Something changed today and I lost my permission to use BBCode. Maybe my membership lapsed but I didn't get any notification, and there's a claim it's supposed to autorenew. I'm sure dvsDave will sort it out. I've manually removed the BBCode for now.


----------



## chausman (Feb 19, 2011)

ruinexplorer said:


> I have a link to my blog, since I don't write all of my thoughts on the blog here on CB. After that, I change from time to time. It really depends on my mood. A lot of them have something to do with education, but really they could be about anything. At least I don't choose to change them as often as I change my desktop (not that anyone but me would be able to see that).

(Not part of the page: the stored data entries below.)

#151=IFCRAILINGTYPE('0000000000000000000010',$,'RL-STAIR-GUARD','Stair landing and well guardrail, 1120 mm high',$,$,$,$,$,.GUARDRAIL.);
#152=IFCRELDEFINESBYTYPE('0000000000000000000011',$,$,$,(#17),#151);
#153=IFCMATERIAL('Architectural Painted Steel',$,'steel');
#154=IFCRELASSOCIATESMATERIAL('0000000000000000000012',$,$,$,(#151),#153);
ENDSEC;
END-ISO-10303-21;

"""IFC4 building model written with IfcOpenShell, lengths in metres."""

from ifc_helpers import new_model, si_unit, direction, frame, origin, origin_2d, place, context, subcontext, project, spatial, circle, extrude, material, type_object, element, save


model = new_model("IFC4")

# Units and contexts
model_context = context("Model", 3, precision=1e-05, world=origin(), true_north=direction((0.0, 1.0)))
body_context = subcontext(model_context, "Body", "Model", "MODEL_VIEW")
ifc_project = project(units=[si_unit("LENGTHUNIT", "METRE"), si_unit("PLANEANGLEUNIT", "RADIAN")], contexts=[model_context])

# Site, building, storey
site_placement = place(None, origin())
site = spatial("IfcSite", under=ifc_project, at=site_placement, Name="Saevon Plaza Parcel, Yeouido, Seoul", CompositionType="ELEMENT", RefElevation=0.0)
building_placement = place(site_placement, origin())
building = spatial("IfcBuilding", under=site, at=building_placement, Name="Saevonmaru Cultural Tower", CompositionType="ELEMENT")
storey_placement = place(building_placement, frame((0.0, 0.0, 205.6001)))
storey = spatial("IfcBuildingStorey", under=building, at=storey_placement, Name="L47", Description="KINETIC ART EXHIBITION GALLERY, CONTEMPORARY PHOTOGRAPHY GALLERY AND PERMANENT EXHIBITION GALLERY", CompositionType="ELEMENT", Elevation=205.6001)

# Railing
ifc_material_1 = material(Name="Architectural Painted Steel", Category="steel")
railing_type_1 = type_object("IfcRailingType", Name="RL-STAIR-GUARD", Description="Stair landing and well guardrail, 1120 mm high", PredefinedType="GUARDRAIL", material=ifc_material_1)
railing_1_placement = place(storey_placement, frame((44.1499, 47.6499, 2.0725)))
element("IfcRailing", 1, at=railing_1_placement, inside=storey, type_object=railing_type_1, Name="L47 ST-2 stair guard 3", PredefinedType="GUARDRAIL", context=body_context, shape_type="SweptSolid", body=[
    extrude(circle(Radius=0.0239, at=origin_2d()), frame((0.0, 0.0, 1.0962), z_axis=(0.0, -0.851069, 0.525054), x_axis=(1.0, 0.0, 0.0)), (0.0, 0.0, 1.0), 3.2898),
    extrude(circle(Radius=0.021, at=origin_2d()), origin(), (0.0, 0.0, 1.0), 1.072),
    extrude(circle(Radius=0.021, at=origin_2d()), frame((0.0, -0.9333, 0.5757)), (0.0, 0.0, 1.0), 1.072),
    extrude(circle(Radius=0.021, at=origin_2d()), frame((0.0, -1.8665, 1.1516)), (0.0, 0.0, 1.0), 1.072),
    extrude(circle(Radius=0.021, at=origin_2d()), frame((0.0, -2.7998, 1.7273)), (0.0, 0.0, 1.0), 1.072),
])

 So, when the rumored new version of CB comes (Any word yet, DVSDave?) will you start using this one?


----------



## masterelectrician2112 (Feb 19, 2011)

Mine is a Latin translation. I took Latin my freshman and sophomore years of high school and I thought the phrase was pretty cool.


----------



## ruinexplorer (Feb 20, 2011)

chausman, I write on both blogs. If Dave says that this one on CB will be going away, I might add to my sig line to state that it's my blog, instead of people wondering what I'm talking about Pastel Green Planets for anyway.


----------



## chausman (Feb 20, 2011)

ruinexplorer said:


> chausman, I write on both blogs. If Dave says that this one on CB will be going away, I might add to my sig line to state that it's my blog, instead of people wondering what I'm talking about Pastel Green Planets for anyway.


 
Yeah, I was curious for a while what was "On the other side of the Pastel Green Planet" was. And the CB one won't go away (as far as I know) it just gets improved! That's why I was wondering.


----------



## avkid (Feb 20, 2011)

It's the story of my life.

Artistic integrity is only worth so much to a broke man.


----------



## thatactorguy (Feb 20, 2011)

Back in the days of the BBS, there were many clever signatures (called "taglines" back in the day) included with the various BBS programs, particularly on the Wildcat! software. I wish I could remember them. Users would add their own, as did I...

I seriously had to explain it to a few people...


----------



## MarshallPope (Feb 20, 2011)

When I was in high school, my band director had this quote posted in his office window. I think it is very applicable to quite a few people I've worked with...

I'm getting a bit tired of it, though. I'll probably change it soon.


----------



## shiben (Feb 21, 2011)

chausman said:


> After reading some of the things people have said about how they pick what you said in your signature. If you have some quote in you signature, how did you decide to use that?
> 
> For mine, I just thought that they were funny. Although I had to cut some of them down to fit the character maximum. And I wanted to have my real name.


 

GO on a chinese cheap light website and read about DMX and their MLs. Thats where mine is from.


----------



## jonliles (Feb 21, 2011)

> Back in the days of the BBS, ...taglines...BBS programs...Wildcat! software.



I miss Wildcat1 Those were much simpler days/. Then again my 9600 baud modem was hot stuff. Had 2 of them running in parrallel. I was overjoyed when the 14.4's came out.

My name is my name, why hide it? I just liked the quote. I think it is appropriate and can be applied to sciences, arts, philosophy and any manner of concepts. I go tit from the back side of my "Dilbert by the Day" desktop calendar.


----------



## 65535 (Feb 22, 2011)

I changed one of my quotes that I feel describes me quite well. Oh Einstein, always being quoted, such clever words.


----------